Database Agnostic Pagination of Time-Series Results
A way to paginate time series results in the DB side even when the DB itself doesn’t support it.
Read on Medium (opens in a new tab)If you are working with Observability or any Data Science field, chances are that you have to work with time-series data at one point or the other. This is because most practical applications of data science will include a time dimension and it is generally useful to preserve this information in many cases.
A common issue when dealing with such time-series data is the sheer volume of data that is collected and the challenges that come along with dealing with such data.
Today in this article, I will be focusing on one such issue, which is paginating time series data. Pagination is important in any solution and helps clients process or visualize data without getting overwhelmed by the sheer volume of all the relevant data.
Moreover, most large-scale time-series databases have hard limits on the number of results that can be returned in a single query (For Azure Data Explorer this was set at 500,000 rows or 64 MB (whichever is lower) at the time I was writing the article). This can result in problems if you wish to query large amounts of data through the REST APIs.
In this article, I will be walking you through a solution that we had to implement due to the lack of database-side pagination support in Azure Data Explorer and other products powered by it. However, the approach used in this article is database agnostic and it should work with any time-series database out there.
Now let’s take a look at how to implement pagination in time-series data even without any support for it from the time-series database itself.
Note: I have assumed that the time series database will return an error when database limits are hit along with a partial result set. This is simply to follow the behavior of the Azure Data Explorer that I tested this with. However, if only an error is returned without a partial result set, the algorithm can still be modified to address it.
Pseudo Code for Chunking of Time-series Query Results
Input:
* start_time - The starting timestamp (inclusive) to include in results
* end_time - The ending timestamp (exclusive) to include in results
* limit - The maximum number of rows to fetch in a single query
Utility Functions:
* query_database - Query the database and return results in ascending order
* process - Process an array of results
* size_of - Get length of an array
* timestamp_of - Get the timestamp of a row of results
* is_server_side_limit_error - Returns true if the error passed in is the server side limit error
Algorithm:
1: current_start_time = start_time
2: while True:
3: has_reached_server_side_limit = False
4: rows = []
5: try:
6: rows = query_database(current_start_time, end_time, limit)
7: except Exception as err:
8: if is_server_side_limit_error(err):
9: has_reached_server_side_limit = True
10: rows = err.partial_results.rows # Partial results set
11: else:
12: raise err
13: row_count = size_of(rows)
14: if row_count == limit or has_reached_server_side_limit:
15: last_timestamp = timestamp_of(rows[row_count - 1])
16: i = size_of(rows)
17: while i > 0 && timestamp_of(rows[i-1]) == last_timestamp:
18: i--
19: if i == 0:
20: raise Error("Unsupported condition: limit too small")
21: rows = rows[0:i] # Dropping all rows with last timestamp
22: current_start_time = last_timestamp
23: process(rows)
24: else:
25: if row_count > 0:
26: process(rows)
27: breakExplanation
The most important aspect of any pagination algorithm is how to continue from the last results chunk.
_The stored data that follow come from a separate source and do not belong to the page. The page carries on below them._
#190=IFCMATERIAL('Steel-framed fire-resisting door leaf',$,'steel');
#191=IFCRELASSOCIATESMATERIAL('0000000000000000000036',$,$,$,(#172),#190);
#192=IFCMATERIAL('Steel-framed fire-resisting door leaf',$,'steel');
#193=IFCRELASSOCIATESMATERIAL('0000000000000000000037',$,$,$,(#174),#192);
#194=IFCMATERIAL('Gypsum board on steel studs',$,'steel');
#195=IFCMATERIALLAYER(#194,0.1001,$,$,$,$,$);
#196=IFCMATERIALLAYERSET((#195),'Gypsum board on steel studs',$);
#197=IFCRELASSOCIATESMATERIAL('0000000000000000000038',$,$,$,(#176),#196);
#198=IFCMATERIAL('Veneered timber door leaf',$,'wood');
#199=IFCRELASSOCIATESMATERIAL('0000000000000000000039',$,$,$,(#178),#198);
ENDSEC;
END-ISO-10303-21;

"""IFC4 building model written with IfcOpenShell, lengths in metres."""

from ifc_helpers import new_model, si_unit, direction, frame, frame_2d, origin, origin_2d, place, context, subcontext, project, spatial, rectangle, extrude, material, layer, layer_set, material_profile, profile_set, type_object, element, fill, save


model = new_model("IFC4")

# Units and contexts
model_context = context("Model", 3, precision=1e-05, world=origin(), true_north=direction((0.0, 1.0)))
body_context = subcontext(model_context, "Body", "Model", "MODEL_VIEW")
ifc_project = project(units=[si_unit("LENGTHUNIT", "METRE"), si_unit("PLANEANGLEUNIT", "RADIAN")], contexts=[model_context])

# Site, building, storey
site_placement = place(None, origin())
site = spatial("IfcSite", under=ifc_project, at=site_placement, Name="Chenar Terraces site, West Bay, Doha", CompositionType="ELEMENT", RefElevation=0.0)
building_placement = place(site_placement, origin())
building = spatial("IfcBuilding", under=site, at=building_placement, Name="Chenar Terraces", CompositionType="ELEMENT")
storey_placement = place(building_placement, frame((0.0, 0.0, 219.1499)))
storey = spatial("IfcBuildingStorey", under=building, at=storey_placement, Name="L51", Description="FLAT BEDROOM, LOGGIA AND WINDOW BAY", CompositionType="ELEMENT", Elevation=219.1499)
In this algorithm, this is achieved by querying the results in ascending order and using the last timestamp of the previous results chunk as the start timestamp of the next results chunk.
However, to avoid any overlaps due to repeated timestamps in multiple rows, we need to always drop the last timestamp in the chunk so that we can fetch results starting from that point to the end of the time range (Lines 14–21). There is an inherent limitation because of this approach, which is explained below.
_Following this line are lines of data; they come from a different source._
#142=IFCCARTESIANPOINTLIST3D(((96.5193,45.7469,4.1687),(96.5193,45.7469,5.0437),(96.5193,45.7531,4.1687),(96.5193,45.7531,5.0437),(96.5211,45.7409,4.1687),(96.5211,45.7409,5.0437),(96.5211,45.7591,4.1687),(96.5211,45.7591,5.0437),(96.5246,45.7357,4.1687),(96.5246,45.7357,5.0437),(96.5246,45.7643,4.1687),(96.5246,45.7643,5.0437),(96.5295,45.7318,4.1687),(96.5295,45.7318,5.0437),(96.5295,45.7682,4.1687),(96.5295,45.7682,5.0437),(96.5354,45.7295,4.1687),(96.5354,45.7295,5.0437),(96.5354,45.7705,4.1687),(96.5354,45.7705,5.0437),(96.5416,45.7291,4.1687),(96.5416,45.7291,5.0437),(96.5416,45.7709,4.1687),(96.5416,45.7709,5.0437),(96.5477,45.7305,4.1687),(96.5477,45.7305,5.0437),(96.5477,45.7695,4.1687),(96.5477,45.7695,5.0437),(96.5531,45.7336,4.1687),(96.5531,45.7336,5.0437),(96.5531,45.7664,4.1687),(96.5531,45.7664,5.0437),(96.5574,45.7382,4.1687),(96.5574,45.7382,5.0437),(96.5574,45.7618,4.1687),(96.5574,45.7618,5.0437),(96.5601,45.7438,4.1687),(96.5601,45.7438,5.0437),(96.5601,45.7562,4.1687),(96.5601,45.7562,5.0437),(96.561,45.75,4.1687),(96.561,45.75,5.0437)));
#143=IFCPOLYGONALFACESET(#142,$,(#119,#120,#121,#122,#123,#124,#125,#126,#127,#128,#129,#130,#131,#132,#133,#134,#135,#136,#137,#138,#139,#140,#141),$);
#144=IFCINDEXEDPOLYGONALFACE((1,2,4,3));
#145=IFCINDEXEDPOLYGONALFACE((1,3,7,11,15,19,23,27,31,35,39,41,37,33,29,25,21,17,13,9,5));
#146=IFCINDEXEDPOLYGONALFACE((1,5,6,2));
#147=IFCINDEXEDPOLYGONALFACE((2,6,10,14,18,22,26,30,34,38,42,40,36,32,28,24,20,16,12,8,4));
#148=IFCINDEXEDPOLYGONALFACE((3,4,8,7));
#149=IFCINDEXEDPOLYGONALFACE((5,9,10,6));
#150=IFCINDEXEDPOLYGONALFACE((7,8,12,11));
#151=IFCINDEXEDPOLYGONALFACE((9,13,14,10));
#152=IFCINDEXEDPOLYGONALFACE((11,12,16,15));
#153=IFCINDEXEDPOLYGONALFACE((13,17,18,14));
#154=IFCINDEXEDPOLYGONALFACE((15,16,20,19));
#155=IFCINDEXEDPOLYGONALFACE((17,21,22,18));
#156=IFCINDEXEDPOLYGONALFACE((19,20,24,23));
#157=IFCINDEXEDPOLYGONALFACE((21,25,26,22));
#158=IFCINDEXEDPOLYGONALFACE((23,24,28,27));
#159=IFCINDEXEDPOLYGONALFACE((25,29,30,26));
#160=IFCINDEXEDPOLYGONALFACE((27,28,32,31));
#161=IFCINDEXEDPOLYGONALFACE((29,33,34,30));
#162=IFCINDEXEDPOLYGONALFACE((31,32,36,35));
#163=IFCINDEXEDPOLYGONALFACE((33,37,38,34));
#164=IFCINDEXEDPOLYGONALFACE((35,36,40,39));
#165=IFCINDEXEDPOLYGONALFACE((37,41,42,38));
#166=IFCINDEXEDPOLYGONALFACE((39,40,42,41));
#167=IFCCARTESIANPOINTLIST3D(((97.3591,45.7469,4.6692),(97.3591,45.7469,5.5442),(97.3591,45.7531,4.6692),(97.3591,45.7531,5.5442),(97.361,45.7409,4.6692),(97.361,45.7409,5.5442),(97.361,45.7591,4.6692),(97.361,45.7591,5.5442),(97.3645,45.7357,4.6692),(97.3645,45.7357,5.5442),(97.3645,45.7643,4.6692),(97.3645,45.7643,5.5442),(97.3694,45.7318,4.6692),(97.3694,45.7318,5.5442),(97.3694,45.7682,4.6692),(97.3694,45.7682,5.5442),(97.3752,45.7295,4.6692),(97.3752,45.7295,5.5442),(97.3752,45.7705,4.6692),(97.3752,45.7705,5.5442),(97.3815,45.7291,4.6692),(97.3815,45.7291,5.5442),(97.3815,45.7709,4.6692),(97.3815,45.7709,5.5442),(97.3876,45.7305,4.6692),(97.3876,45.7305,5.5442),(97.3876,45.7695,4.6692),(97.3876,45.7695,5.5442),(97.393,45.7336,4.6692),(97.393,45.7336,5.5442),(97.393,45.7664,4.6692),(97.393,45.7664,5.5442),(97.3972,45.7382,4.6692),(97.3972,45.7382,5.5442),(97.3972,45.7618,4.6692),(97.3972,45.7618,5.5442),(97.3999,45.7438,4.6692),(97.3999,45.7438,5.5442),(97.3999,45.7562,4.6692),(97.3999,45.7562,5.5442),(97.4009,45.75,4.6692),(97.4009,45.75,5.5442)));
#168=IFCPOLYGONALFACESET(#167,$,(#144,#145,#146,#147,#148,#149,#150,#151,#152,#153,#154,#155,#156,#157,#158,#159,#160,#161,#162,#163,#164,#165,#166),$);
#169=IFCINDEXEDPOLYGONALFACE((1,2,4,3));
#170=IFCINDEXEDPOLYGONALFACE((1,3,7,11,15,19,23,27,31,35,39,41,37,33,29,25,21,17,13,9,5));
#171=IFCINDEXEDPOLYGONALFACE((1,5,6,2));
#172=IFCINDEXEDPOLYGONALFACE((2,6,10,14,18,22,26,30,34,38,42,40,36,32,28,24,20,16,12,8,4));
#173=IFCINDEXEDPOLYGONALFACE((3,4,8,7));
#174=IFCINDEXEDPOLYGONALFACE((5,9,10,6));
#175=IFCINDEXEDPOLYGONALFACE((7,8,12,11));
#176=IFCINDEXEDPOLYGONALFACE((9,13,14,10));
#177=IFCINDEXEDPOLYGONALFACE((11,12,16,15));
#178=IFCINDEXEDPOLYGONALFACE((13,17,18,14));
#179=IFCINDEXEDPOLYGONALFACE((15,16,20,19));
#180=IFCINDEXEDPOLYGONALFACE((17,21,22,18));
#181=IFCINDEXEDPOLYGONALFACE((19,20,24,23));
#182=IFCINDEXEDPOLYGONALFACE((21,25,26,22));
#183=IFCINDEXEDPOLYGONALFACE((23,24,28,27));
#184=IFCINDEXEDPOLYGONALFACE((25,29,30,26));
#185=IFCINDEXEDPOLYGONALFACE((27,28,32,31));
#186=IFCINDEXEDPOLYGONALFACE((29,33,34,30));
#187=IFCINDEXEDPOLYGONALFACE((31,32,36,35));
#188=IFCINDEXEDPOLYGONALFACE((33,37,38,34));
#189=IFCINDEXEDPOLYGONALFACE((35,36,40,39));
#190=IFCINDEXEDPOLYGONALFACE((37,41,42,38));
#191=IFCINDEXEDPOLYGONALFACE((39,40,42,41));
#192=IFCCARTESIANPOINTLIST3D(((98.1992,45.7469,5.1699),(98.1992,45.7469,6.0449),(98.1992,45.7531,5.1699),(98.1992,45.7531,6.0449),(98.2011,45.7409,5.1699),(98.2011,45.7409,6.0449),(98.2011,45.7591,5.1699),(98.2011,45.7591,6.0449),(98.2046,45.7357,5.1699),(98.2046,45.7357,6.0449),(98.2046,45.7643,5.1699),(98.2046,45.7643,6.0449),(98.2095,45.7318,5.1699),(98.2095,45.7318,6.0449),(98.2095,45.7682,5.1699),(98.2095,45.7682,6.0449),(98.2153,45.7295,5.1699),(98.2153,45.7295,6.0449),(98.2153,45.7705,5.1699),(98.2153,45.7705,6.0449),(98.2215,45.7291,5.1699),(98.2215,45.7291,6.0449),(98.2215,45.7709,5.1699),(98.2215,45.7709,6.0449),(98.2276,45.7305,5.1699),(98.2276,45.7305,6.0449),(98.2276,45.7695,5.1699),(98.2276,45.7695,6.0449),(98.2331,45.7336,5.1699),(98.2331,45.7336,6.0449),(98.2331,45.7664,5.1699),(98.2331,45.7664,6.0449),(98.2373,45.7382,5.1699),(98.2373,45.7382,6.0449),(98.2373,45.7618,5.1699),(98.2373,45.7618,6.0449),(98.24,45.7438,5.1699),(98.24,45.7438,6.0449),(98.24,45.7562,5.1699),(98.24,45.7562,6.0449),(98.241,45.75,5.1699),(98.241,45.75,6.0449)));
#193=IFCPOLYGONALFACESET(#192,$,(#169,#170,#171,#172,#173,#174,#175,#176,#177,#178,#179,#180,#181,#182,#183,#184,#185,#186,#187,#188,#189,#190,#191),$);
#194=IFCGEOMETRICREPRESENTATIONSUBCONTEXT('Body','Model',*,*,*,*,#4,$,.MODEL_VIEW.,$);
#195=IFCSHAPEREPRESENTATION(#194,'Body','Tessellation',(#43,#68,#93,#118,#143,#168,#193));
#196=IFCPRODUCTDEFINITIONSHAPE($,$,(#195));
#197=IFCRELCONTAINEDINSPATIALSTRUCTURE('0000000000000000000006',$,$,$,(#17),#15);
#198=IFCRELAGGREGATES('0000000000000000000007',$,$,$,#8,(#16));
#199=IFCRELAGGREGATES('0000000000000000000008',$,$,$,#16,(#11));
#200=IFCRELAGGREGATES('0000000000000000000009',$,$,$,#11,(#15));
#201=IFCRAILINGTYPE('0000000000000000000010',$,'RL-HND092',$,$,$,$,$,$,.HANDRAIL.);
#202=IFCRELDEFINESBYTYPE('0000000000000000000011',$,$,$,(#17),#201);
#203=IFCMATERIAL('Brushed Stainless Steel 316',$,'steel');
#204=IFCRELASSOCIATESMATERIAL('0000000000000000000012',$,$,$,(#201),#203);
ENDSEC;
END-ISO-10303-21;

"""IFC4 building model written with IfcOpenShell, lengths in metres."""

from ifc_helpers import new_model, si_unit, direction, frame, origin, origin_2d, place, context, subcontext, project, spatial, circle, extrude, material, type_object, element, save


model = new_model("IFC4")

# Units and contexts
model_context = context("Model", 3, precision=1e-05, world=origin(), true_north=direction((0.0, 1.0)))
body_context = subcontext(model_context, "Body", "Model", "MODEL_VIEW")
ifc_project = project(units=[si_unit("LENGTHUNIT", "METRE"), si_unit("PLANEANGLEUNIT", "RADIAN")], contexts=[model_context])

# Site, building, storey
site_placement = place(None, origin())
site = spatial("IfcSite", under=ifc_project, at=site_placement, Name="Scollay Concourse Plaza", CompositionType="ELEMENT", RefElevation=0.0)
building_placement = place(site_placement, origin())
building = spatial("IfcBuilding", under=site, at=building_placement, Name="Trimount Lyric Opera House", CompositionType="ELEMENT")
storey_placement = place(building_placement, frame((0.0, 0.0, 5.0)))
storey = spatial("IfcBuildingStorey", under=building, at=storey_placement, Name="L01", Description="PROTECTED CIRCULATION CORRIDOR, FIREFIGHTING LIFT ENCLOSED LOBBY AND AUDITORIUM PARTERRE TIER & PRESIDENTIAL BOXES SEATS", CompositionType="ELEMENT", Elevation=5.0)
The terminating condition of the querying is detected when the number of returned data is less than the limit specified and if there were no database size limit errors (Lines 24–27).
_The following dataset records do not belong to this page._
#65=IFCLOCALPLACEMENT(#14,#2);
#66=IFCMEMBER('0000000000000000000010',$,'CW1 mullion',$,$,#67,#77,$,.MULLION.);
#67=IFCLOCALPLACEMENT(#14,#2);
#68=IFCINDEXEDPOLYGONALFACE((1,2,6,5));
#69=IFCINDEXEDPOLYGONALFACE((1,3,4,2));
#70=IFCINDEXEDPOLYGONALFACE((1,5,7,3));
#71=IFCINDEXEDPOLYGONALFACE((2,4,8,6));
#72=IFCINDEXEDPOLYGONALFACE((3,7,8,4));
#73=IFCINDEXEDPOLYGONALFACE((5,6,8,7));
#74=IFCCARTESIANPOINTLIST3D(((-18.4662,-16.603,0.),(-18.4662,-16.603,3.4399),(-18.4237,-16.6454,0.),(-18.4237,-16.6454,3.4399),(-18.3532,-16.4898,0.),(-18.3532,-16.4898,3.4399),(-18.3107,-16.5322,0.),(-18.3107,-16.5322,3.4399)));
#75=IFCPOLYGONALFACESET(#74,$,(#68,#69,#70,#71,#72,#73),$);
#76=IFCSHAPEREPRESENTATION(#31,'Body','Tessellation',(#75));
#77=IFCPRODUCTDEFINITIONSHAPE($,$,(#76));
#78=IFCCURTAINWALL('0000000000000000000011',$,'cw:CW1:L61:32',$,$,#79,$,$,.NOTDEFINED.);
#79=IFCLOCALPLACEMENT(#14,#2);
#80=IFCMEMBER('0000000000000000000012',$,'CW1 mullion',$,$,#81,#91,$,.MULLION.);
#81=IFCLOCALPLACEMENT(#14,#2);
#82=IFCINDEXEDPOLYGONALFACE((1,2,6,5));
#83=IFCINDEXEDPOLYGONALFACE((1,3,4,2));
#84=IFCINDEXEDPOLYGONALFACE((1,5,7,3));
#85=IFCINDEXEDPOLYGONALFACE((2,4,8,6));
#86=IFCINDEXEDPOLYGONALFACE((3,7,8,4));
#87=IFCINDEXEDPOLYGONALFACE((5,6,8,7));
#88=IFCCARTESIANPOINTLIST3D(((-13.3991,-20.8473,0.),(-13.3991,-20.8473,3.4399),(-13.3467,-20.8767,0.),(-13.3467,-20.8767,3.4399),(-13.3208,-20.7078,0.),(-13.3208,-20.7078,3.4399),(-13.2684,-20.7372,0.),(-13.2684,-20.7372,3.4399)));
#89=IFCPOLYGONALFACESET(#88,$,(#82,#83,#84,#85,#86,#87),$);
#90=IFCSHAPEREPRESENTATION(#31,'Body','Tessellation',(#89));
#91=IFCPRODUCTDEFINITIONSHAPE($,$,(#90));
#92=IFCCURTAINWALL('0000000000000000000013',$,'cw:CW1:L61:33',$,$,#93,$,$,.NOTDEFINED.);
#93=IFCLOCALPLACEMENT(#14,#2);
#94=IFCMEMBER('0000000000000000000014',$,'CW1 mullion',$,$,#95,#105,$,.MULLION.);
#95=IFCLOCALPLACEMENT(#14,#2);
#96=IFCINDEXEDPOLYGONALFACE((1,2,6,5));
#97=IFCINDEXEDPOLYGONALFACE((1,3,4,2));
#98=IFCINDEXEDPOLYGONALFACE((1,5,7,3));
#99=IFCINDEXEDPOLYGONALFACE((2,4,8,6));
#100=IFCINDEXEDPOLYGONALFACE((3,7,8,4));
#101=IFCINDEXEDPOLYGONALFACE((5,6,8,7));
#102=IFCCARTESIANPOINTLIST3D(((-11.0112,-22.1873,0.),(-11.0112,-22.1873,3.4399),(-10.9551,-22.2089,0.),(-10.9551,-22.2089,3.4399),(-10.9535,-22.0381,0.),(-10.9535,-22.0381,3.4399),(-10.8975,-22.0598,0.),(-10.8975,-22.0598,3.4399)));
Limitations & ways to overcome them
While this algorithm will work for many cases, if your data contains multiple repeated timestamps in rows, the algorithm may fail. This can happen if the limit applied to the results chunk is smaller than the maximum number of repeated timestamps as we are always removing the last. The algorithm will raise an error if this condition is reached (Lines 19–20).
However, in many real-world applications repeating timestamps in multiple events will be rare. That said, there can be some cases where there are repeated timestamps due to the implementation of how these data points were recorded. (e.g.:- multiple sensor readings which have the same timestamp, to simplify the sensor reading implementation, even though they were read at least several milliseconds apart).
One approach to overcome these limitations in such scenarios would be to group these events into a single row using the time-series database query itself.
Conclusion
As you have witnessed above, this approach would work with almost any database without any issues.
However, I would like to emphasize the fact that, we should not try to query all data in this manner unless it is necessary. Querying data in this manner will put a lot of strain on the database as well as the client.
You should always try to aggregate and process the data within the database itself using database queries. Most of the time-series databases available today include rich enough syntax to perform such processing on the database side itself.
However, in those rare occasions when you have no other alternative (e.g.:- if you are storing logs in an Azure Data Explorer and would like to implement a logs viewer), I hope this approach will save your day.
P. S. — I would love to hear about your use cases where loading all data in chunks was useful.